Common bunt (Tilletia caries) is a seed- and soil-borne disease of wheat. Although the chemically-synthesized seed treatments are generally effective, the socio-politically desired in organic farming tends to lead to an increased occurrence. Resistance breeding is a sustainable strategy of preventing bunt infections. Up to now, Bt1-15 and Btp are known resistance genes. 

Sufficient resistance against this seed borne diseases need to be ensured. 

The spores of common bunt are in the soil or directly on the seed surface. At temperatures around 5°C to 10°C, the spores germinate and penetrate the leaf sheaths of the seedlings. The pathogen then grows to the growing point of seedlings and grows with the plants until ears are formed. In the ears common bunt leads to the development of bunts instead of grains. First typical symptoms are only visible after ear emergence: infected plants have somewhat shorter stalks, remain green for longer and are more heavily tufted. Before ripening, common bunt ears can be recognized by their blue-green discoloration and often more elongated growth. The formed bunts are filled with spores, which break open during harvest and contaminate other plants, machines and the soil. Bunt spores produce trimethylamine, which leads to a fishy small and taste. This passes into animal products, like eggs and milk, making the infected wheat unusable for animal feed. Common bunt reduces yield up to 40%. At the moment fungicides or brushing of the spores are the mode of action against common bunt. So the search for resistances moves to the spotlight. 

References: Borgen, 2004; Borgen and Kristensen, 2001; Borgen and Davanlou, 2000 ; Borgen, 2001; Nielsen et al., 2000

Infection in a resistant variety is not a final proof of the presence of a race being virulent to a resistance gene. Infection in a line may be caused by impurity in the line, or by the resistance gene being partly depending on environmental factors. To document presence of true virulence, spores need to be collected from resistant lines and used for re-inoculation to demonstrate increased infection rate. 

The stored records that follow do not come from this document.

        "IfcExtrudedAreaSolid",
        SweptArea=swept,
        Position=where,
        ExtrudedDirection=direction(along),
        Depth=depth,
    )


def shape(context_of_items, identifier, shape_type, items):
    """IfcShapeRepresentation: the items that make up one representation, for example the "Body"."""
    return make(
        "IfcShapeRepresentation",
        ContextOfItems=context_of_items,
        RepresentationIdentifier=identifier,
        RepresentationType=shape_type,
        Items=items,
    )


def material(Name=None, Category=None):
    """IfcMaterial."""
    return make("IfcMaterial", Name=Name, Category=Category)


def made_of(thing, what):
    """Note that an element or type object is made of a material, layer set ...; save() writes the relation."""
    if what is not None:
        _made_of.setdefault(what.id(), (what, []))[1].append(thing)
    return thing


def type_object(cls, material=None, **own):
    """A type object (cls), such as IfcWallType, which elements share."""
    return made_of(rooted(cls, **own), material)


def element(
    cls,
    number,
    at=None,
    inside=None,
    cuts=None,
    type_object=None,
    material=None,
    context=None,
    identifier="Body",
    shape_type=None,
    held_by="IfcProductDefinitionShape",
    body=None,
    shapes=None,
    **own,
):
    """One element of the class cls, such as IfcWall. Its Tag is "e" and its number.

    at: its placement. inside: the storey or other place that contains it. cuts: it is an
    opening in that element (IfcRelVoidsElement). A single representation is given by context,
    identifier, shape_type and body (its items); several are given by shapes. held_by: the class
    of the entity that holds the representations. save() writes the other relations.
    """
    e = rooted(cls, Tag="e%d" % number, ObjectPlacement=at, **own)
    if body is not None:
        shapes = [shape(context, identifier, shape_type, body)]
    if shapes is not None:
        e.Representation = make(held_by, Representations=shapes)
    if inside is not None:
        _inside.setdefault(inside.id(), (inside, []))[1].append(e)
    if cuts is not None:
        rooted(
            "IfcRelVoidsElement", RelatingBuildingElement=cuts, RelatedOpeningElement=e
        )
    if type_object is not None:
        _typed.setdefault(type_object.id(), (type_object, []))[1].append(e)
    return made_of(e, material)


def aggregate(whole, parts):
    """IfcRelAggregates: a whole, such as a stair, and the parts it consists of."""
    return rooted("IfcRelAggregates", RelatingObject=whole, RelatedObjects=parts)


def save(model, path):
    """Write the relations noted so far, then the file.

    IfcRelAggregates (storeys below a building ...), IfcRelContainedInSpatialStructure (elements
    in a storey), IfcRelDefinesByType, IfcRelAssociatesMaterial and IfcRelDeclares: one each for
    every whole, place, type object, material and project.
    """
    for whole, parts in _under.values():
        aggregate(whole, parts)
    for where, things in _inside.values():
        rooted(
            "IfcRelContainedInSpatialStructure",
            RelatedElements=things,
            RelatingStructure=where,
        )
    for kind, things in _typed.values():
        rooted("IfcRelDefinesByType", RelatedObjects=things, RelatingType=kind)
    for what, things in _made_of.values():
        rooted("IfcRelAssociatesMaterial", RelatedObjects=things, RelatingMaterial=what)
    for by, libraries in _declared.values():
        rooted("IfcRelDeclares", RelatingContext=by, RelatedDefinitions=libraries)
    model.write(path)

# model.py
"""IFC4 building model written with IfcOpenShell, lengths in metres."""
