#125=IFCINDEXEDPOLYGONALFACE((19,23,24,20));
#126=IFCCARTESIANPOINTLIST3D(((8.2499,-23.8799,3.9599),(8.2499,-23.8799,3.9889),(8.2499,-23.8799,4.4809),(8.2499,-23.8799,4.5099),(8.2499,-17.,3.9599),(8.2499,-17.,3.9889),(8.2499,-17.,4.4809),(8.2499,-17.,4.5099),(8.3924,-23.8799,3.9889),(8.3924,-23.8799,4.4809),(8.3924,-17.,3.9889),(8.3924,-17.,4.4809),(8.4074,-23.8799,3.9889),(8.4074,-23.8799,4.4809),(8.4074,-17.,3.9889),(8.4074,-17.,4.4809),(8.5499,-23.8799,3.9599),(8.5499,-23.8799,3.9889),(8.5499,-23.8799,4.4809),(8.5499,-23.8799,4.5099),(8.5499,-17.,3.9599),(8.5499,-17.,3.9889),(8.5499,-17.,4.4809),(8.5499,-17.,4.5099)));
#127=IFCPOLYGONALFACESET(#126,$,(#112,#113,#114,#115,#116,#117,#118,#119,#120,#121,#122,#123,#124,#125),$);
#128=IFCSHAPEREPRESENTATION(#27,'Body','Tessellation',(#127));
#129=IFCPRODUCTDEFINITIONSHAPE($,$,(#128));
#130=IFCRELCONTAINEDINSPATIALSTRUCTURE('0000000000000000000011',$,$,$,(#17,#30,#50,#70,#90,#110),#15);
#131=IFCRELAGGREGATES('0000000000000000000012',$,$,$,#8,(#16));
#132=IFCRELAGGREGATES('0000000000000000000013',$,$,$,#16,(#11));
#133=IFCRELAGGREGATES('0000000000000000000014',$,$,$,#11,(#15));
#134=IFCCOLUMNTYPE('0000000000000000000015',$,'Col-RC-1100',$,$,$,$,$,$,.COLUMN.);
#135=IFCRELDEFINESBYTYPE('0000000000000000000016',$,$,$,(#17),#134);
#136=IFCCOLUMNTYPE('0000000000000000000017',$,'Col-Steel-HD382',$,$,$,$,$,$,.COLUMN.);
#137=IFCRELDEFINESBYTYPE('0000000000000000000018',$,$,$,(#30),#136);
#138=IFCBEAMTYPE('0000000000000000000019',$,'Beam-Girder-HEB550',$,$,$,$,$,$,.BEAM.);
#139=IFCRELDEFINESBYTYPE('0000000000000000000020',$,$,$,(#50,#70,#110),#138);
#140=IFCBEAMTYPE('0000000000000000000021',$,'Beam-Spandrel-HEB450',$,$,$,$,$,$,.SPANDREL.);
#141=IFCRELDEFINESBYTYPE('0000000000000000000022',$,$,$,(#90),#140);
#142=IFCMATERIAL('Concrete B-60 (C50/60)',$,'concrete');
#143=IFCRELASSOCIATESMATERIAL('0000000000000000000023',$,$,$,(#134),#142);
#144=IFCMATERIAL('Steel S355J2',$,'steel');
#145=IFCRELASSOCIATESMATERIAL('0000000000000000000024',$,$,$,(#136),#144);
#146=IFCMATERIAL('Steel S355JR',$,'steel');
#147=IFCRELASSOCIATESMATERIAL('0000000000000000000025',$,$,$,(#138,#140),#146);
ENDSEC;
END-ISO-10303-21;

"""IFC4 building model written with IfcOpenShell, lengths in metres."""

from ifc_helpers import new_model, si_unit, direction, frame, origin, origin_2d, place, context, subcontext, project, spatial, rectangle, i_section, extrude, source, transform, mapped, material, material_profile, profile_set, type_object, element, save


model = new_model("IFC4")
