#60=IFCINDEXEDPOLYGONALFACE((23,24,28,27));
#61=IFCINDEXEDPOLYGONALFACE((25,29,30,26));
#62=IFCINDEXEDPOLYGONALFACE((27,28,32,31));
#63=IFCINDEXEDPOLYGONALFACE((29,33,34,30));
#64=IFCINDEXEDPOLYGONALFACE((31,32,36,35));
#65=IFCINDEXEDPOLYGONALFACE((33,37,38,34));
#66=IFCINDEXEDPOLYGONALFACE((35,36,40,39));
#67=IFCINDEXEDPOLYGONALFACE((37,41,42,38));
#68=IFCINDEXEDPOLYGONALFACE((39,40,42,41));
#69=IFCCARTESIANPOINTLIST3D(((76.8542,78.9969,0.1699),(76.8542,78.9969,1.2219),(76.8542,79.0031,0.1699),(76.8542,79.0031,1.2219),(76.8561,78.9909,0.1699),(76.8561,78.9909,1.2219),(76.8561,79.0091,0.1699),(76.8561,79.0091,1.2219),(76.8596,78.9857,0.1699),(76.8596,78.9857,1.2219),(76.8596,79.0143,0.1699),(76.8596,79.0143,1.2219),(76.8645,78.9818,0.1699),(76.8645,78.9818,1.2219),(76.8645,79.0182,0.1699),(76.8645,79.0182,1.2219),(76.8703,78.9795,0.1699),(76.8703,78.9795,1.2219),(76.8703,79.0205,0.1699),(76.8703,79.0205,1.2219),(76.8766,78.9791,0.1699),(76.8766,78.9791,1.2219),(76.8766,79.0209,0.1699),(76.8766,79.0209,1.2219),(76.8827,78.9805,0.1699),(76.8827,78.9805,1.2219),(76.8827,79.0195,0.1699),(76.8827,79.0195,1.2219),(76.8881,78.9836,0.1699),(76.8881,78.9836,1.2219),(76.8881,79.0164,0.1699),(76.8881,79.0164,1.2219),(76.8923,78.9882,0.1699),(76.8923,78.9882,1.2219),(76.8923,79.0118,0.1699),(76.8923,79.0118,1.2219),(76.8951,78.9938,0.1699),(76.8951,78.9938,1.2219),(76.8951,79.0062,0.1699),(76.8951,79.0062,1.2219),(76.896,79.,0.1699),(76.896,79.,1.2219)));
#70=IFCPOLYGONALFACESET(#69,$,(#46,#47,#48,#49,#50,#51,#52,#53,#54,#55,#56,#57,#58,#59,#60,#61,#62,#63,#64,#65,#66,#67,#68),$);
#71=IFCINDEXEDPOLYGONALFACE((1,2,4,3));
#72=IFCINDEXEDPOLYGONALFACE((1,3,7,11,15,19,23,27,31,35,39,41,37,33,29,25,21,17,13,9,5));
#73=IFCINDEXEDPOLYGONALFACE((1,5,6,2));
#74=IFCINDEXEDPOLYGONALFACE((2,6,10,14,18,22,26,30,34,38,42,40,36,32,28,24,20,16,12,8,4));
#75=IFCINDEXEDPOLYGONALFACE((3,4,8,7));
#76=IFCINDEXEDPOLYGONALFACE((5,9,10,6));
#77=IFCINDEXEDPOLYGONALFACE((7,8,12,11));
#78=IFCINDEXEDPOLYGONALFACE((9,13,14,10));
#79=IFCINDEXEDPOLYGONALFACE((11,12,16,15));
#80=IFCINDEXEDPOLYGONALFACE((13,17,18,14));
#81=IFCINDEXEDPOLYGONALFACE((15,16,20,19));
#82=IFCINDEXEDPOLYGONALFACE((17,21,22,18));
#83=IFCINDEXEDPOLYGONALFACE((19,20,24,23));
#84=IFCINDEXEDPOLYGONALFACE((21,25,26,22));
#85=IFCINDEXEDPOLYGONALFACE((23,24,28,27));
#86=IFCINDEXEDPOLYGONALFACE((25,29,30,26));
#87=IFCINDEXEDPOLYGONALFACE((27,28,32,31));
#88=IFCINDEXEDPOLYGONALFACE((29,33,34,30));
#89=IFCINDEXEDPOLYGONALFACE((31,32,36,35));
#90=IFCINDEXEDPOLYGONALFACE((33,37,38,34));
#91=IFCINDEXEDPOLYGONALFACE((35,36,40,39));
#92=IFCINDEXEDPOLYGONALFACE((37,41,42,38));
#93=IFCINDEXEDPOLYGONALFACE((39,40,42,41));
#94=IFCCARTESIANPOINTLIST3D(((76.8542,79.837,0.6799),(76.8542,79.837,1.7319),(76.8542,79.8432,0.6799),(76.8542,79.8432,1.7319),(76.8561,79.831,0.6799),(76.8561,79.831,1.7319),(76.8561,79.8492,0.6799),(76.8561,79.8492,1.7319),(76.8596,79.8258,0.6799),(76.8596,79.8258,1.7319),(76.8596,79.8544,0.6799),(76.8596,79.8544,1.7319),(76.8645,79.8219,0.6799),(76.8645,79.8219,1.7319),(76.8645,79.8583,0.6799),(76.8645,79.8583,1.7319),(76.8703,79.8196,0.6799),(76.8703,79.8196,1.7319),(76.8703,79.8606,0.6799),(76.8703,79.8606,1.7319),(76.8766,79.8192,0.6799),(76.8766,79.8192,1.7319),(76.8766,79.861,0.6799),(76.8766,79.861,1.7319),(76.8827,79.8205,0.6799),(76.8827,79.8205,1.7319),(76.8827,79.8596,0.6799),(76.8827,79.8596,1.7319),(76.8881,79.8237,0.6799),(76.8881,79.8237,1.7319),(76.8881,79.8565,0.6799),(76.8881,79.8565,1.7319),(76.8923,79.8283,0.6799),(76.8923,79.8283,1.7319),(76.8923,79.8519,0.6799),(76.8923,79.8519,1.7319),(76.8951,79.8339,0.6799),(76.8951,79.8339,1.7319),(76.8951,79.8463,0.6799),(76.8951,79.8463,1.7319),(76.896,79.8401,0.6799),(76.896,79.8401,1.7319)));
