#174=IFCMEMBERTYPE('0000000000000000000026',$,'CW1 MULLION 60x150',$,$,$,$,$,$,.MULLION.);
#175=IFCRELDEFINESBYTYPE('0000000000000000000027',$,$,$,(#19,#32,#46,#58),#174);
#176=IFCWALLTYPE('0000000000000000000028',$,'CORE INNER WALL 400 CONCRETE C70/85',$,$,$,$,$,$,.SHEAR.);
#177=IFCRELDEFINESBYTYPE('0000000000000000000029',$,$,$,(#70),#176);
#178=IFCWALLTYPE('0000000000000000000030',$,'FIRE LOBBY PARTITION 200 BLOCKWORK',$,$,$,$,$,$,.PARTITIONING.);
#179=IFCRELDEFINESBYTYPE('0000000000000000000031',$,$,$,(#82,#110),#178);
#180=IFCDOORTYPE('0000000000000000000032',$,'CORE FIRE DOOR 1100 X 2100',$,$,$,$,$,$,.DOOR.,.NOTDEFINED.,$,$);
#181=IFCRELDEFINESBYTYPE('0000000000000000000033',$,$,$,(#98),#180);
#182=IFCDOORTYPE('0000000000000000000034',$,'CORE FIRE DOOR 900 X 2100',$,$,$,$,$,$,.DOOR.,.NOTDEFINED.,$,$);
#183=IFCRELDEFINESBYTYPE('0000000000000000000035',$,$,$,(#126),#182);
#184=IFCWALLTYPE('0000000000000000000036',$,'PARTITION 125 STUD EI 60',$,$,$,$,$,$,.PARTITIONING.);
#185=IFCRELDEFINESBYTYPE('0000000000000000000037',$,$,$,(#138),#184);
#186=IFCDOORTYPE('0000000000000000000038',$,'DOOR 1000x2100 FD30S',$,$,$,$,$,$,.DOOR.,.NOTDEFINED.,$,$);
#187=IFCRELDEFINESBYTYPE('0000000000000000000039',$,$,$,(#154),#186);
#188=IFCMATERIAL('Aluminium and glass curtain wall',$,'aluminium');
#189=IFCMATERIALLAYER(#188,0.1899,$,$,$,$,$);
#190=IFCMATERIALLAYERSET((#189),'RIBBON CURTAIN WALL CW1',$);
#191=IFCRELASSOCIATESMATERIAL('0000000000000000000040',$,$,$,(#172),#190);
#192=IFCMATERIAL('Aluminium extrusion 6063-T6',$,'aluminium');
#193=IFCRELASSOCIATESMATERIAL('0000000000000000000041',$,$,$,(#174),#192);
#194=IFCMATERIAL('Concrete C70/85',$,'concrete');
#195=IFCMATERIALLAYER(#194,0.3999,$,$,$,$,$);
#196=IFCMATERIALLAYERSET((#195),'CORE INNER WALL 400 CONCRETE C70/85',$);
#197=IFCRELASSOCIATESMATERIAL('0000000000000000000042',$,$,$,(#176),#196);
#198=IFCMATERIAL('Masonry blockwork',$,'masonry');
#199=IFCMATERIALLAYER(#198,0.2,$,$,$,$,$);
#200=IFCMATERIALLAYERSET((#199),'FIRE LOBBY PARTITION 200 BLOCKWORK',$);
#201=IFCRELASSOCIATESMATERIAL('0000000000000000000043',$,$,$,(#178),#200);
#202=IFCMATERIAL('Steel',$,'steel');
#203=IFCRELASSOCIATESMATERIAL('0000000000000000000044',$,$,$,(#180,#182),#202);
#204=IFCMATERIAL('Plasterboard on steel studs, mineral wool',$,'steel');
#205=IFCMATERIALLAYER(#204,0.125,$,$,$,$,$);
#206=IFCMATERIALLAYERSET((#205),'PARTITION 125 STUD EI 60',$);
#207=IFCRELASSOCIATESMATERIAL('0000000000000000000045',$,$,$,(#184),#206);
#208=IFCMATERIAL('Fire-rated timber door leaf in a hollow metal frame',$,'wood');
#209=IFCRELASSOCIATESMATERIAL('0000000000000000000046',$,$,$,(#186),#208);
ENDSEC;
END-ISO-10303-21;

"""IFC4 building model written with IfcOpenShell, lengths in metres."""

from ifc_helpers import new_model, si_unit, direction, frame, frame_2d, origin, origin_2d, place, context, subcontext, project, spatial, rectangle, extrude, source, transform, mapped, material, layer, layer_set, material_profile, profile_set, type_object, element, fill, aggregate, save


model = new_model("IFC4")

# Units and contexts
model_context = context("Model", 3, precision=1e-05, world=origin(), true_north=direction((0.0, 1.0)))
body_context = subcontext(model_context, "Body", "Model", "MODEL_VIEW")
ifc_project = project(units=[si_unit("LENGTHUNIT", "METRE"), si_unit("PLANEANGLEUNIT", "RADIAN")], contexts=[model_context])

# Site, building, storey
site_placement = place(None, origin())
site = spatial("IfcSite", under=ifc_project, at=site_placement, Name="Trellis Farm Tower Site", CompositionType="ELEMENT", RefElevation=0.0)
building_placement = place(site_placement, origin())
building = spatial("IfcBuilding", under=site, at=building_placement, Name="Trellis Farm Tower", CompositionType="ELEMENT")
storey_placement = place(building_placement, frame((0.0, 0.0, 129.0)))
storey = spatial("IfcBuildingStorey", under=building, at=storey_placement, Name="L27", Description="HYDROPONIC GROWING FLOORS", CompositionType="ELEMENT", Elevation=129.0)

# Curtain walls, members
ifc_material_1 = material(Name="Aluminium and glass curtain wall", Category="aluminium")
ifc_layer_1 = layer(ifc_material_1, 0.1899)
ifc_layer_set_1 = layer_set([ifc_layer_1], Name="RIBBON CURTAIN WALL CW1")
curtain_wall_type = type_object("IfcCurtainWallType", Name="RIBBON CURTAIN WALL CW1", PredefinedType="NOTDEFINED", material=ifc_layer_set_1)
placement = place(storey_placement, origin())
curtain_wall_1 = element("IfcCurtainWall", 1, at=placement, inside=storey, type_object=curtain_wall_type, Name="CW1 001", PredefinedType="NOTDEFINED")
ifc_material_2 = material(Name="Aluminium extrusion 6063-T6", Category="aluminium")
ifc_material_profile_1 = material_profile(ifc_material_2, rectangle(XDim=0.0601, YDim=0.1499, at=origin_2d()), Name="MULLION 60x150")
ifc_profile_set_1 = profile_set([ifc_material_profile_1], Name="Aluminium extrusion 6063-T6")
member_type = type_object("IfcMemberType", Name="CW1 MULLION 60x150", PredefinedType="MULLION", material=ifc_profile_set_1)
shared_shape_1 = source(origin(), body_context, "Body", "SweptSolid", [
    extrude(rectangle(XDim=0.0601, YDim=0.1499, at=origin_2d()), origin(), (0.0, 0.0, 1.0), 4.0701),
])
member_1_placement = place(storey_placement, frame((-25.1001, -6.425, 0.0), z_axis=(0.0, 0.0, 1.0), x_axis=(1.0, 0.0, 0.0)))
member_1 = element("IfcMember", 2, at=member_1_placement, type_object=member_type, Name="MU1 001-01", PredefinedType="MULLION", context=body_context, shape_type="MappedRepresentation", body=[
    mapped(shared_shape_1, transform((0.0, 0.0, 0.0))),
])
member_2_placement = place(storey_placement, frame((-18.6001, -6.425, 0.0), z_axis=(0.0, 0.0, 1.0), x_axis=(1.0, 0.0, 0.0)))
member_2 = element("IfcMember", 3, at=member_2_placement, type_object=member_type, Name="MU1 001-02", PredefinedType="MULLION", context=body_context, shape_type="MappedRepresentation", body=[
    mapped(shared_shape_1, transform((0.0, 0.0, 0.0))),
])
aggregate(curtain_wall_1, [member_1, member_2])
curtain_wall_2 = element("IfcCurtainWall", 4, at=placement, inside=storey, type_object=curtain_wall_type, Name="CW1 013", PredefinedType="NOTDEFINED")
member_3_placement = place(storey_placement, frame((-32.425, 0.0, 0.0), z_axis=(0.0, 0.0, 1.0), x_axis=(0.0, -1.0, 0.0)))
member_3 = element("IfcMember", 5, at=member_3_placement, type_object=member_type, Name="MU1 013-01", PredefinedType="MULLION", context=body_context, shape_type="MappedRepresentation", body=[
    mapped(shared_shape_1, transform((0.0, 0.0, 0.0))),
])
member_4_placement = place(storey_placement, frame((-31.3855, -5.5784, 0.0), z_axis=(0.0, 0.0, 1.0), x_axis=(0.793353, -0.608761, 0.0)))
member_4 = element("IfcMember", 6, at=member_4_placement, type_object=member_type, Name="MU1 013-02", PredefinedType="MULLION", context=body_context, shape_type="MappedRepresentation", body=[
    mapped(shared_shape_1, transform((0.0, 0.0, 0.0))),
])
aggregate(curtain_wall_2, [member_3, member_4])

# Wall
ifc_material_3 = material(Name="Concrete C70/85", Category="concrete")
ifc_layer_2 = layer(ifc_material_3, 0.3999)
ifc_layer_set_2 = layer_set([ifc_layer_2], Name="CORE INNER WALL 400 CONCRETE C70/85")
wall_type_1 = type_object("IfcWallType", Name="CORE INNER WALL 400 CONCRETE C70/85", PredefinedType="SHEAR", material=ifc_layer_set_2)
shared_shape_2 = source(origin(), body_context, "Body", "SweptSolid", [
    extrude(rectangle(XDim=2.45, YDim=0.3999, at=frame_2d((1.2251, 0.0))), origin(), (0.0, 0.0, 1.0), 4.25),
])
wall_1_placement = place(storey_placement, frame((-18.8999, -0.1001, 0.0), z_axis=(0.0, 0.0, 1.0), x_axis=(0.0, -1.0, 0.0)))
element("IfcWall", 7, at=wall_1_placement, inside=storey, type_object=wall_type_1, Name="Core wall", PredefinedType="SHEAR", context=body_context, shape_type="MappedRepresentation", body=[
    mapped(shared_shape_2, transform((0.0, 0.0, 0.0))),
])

Diseases that spread with soil, wind or by water are normally linked to a specific geographical region, but common bunt is mainly spread via seed and may therefore spread over long distances following seed trade rather than from neighbouring fields. Therefore, the virulence of common bunt is more relevant to relate to a seed system or continent rather than a single country or climatic zone. Seed is traded freely within the EU, and it is therefore relevant to consider Europe as one zone of bunt dispersal, and North America another, since seed exchange of infected seed between the continents are limited. 

Dwarf bunt on the contrary is more likely to stay stable in virulence within a smaller region. 

Virulence is found against most resistance genes in Europe. Bt11 and Bt12 have so far being considered safe genes in Europe, but as described below, these genes are not single genes, but combinations of several genes. The differential lines used to describe Bt11 contains a mixture of several genes, and it is still unknown if virulence is present in Europe against any of these single genes. The same is the situation with Bt12.

Several genes are called Bt8 but comes from different sources and are most likely quite different. The differential line for Bt8 suggested by Blaire Goates is PI 554120 (with PI 173438 as source). Virulence against “Bt8” in PI 554120 is present in Europe. In both USA and Europe, PI 178383 has been used in breeding as a source of “Bt8”, but this “Bt8” is most likely different from the Bt8 in the differential line. It is unknown if virulence is present in common bunt in Europe against “Bt8” coming from PI 178383 or from the original source ‘Yayla 305’, but virulence against “Bt8” coming from PI 178383 is most likely present in dwarf bunt on the island Gotland (Sweden). More research is ongoing about the understanding of Bt8 complex and possible virulence to the genes involved. 

Bt9 has been properly mapped confirming that it is a single gene. There are indications of infection in lines having Bt9, but the efficiency of Bt9 is partly climate dependent and it still needs to be confirmed that it is true virulence under field conditions, and not just random infection in off type plants. 

Most other genes can be infected by bunt spores from Europe, including Bt1-7, Bt10, Bt13-15 and BtZ. We have not found any virulence to BtP, but little is known about this gene, based on the results from other genes, it may be worth investigating if BtP is really just a single gene or if it could be another example of a combination of other genes.